Editor’s note: In the months leading up to the 2017 “Big Berks” conference (the triennial Berkshire Conference on the History of Women, Genders, and Sexualities, which will be hosted by Hofstra University in Hempstead, New York, USA, on June 1-4, 2017) , we will be highlighting research on rural women that will be presented at that conference. This week, we share another abstract from a session focused on rural women, “The Rural Imaginary in Popular Culture,” that will include several members of the Rural Women’s Studies Association.
Gender, Rurality and Imaginary for National and Commercial Purposes,
with special emphasis on the Netherlands from 1870s onwards.

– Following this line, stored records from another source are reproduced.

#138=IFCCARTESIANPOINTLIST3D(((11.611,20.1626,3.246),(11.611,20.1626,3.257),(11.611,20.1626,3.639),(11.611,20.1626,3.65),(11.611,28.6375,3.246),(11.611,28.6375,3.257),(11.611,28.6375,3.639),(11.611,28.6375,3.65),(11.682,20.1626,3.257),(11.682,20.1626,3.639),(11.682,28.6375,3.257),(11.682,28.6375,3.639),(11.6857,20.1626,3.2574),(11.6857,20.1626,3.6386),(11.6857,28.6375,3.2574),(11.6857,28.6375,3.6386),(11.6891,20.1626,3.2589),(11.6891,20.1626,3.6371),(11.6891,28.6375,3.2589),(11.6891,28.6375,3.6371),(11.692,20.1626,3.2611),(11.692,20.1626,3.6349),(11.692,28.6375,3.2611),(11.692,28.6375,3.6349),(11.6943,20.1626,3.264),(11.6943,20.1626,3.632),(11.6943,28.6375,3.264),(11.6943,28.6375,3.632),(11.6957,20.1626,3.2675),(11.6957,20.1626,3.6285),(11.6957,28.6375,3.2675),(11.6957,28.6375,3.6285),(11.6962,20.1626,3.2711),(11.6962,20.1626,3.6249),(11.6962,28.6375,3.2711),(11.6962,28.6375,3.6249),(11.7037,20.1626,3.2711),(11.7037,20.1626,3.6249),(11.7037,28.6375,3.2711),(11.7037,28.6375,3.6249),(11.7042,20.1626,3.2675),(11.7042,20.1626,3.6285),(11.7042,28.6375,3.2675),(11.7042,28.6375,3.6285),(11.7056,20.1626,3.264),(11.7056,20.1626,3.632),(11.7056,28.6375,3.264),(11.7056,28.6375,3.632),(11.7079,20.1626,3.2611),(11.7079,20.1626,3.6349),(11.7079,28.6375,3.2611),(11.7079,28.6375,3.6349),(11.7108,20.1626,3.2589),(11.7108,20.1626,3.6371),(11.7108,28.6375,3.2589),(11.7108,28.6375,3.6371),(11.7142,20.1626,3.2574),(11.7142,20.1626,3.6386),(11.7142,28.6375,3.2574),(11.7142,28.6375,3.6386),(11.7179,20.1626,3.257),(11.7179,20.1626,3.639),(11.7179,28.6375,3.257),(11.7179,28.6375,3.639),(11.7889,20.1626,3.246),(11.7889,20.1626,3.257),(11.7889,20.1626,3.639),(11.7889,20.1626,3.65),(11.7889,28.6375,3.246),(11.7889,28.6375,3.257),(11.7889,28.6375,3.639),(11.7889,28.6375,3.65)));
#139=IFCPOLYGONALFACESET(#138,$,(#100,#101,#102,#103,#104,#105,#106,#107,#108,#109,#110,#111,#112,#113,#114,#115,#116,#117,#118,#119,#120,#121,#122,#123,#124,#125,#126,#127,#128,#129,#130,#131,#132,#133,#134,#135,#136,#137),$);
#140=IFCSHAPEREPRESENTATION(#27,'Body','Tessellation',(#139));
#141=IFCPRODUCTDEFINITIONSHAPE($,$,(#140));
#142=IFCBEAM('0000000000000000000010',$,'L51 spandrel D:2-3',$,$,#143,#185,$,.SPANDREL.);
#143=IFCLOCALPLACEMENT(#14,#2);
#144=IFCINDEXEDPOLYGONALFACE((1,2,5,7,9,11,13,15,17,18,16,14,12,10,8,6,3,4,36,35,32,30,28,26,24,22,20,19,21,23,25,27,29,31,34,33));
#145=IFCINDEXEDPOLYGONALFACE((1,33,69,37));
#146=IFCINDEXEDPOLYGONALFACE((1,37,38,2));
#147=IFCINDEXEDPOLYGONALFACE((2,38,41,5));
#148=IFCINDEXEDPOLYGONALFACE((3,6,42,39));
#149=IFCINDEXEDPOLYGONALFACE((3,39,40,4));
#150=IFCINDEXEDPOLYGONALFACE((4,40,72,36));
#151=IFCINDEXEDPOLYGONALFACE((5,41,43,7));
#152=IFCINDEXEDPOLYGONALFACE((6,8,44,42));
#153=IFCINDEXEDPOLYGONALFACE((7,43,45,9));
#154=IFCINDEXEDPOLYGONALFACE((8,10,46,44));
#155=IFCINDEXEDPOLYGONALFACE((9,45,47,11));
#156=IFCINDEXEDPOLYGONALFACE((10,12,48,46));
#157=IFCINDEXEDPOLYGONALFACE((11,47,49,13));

Dr Margreet van der Burg, Wageningen University
My interest for the portrayal of rural life and culture has been awakened by researching the late 19 C worries about the extinction of long lived national cultures in many European countries. Though, the attempts to preserve these cultures as being essential to a nation’s culture, have also reinforced the objectification and stereotyping of rural cultures. They are largely deprived from being part or voice in a dynamic historical process.

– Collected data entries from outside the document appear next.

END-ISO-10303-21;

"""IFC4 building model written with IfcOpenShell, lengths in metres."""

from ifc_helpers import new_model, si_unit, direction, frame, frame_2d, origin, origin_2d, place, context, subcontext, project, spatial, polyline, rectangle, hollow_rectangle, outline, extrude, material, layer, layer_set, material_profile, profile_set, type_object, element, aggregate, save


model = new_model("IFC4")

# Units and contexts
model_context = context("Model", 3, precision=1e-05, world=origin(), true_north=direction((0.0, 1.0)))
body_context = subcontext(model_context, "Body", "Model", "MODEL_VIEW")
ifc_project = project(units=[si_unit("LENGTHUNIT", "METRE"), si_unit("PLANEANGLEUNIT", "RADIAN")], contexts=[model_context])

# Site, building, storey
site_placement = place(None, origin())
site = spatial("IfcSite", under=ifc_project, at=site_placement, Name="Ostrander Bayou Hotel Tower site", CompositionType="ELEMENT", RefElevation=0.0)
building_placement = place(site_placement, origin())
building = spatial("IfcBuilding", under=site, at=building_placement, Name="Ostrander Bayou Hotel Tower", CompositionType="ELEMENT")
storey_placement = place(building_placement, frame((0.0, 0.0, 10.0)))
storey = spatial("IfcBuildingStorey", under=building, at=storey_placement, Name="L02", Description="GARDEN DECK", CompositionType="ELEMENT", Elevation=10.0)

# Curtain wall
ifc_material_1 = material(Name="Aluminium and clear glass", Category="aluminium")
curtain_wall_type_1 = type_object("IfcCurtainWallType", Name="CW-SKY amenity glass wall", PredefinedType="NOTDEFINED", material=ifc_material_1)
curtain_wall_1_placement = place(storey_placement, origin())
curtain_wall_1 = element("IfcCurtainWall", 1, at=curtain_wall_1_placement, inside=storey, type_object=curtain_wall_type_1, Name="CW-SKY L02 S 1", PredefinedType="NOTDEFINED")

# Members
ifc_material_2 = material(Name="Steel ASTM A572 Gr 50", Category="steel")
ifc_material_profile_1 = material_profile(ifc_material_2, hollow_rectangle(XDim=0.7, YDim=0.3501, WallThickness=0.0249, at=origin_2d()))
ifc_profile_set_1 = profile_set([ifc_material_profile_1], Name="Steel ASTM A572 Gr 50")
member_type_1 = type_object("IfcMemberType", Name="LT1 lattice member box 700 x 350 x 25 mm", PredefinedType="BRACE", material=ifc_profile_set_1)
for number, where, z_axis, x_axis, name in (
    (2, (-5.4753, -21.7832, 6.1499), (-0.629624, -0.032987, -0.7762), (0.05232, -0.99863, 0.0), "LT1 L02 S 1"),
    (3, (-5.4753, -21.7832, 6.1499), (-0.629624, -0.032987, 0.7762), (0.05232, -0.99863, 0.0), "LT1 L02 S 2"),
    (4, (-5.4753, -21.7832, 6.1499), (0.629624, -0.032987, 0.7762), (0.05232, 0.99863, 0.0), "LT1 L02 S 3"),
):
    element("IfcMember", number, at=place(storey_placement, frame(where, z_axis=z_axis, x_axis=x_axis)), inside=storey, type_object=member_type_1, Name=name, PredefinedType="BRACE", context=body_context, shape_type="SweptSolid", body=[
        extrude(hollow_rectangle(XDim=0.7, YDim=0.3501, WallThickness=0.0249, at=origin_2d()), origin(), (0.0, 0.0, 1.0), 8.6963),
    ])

In my work so far I showed how this objectification turned into stereotyping and images that were eagerly used for branding and packaging of national pride, national inclusiveness, purity and innocence, cleanliness, harmony – with nature. When showing rural people, esp. in farm sceneries and /or (extended) farm families, the imaginary is often symbolically associated with well-respected virtues such as reliability, and used for both national and commercial purposes. Although some campaigns also focused on gaining the support of rural people, most are symbolically oriented to getting the goodwill of foreign or urban inhabitants who are supposed to value the packaged meanings of rurality without being part of these rural cultures themselves. This applies also to ‘others’ gendered meanings. Ruralism still directly affects rural women and men when encountering urban biased stereotypes in their lives.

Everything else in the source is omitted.